Generally, a claim determination may not be appealed and Reopened at the same time. For example, if a Reopening is pending when a subsequent timely Appeal is filed, the Reopening will be refused in order for the Appeal to proceed. Therefore, in most instances, a provider does not request a Reopening unless and until its appeal rights have been exhausted or the timely filing period for an Appeal has expired. In Chapter 34 of the MCPM, CMS notes two exceptions to this rule:
 
·         Cases where Medical Review (MR) requested documentation, did not receive it, and issued a denial based on no documentation. Subsequently, if the party requests an appeal and submits the requested documentation with that appeal, it shall be treated as a Reopening if certain specific conditions are met; and
·         Clerical errors (which include minor errors and omissions) shall be treated as Reopenings.
 
Please note, however, with respect to those cases denied for failure to respond to document requests, CMS included the following warning in both recently released MLN Matters articles (MM8581 and SE1496) relating to Reopenings:
 
Providers are reminded that submission of adjustment bills or reopening requests in response to claim denials resulting from review of medical records (including failure to submit medical records in response to a request for records) is not appropriate.
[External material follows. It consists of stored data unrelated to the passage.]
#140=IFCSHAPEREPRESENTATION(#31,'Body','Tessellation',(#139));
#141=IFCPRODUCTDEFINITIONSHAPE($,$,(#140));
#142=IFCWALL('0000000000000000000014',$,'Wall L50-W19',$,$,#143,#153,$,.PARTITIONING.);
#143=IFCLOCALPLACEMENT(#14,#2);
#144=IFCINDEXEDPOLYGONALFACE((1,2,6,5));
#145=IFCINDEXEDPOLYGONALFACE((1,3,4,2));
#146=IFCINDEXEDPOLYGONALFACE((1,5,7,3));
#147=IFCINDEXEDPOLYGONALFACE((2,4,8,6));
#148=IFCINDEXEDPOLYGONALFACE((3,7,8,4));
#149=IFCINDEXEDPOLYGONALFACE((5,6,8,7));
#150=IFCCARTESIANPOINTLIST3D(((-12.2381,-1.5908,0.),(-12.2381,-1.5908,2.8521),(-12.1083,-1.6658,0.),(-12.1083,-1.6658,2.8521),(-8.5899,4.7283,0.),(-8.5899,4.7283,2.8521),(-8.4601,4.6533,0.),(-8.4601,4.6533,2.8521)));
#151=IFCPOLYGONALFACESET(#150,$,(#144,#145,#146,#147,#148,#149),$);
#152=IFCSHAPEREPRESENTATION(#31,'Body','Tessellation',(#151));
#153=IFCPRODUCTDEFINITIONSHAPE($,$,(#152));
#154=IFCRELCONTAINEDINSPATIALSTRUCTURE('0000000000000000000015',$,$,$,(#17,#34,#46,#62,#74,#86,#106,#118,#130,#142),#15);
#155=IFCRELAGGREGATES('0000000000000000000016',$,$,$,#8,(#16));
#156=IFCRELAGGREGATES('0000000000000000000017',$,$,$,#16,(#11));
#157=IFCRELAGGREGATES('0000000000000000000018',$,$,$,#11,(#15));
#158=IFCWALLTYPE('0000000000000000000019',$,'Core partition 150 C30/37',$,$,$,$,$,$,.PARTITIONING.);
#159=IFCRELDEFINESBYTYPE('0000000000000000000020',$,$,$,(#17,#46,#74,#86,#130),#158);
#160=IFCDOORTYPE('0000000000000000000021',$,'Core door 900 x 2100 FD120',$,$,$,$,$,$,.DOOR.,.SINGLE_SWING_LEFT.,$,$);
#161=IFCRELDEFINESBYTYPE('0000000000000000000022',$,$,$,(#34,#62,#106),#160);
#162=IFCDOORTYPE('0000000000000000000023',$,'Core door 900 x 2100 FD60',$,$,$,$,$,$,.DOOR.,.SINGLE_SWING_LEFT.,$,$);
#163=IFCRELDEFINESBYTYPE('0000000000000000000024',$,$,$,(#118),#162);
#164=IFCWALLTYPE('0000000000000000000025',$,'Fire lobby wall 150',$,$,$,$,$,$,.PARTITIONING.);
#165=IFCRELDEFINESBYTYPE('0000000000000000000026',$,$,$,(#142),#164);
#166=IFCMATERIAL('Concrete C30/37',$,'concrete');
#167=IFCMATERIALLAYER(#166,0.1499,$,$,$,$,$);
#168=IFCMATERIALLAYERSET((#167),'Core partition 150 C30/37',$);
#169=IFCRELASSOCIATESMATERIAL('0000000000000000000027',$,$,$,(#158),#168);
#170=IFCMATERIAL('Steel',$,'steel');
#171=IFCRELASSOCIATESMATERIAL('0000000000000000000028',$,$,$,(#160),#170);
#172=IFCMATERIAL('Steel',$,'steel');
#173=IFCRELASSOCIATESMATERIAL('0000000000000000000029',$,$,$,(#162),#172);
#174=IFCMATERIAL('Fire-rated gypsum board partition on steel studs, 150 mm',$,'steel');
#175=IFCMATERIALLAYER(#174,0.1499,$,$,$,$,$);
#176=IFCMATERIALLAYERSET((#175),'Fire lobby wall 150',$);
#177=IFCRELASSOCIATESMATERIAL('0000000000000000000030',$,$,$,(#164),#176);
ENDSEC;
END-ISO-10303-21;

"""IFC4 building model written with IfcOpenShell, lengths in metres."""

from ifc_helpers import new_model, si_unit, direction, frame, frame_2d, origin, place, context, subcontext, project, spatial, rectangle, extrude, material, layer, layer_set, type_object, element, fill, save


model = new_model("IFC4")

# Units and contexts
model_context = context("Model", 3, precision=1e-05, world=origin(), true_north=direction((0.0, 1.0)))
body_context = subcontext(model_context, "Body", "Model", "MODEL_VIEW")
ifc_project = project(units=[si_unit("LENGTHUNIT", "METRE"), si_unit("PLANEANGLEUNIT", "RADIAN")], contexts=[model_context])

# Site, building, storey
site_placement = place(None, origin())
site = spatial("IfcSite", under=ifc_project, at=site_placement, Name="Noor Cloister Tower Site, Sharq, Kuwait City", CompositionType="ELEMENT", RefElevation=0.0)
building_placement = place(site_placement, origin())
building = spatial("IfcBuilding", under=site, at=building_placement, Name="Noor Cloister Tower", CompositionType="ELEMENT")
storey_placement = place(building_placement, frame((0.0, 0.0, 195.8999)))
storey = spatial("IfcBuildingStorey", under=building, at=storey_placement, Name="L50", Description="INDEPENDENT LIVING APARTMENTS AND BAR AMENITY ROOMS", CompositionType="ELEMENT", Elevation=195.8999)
Providers must submit appeal requests for such denials.
 
Hospitals are encouraged to review the relevant sections of the MCPM, Chapter 34, along with the above-referenced MLN Matters Articles, and to contact their respective A/BMACs to clarify any potential conflict between these multiple sources of Medicare guidance on this issue.
 
More generally, hospitals are encouraged to review their existing policies and procedures with respect to all three of the change processes discussed—Claim Adjustments, Reopenings and Appeals—to assure that they are updated and compliant, both in policy and practice.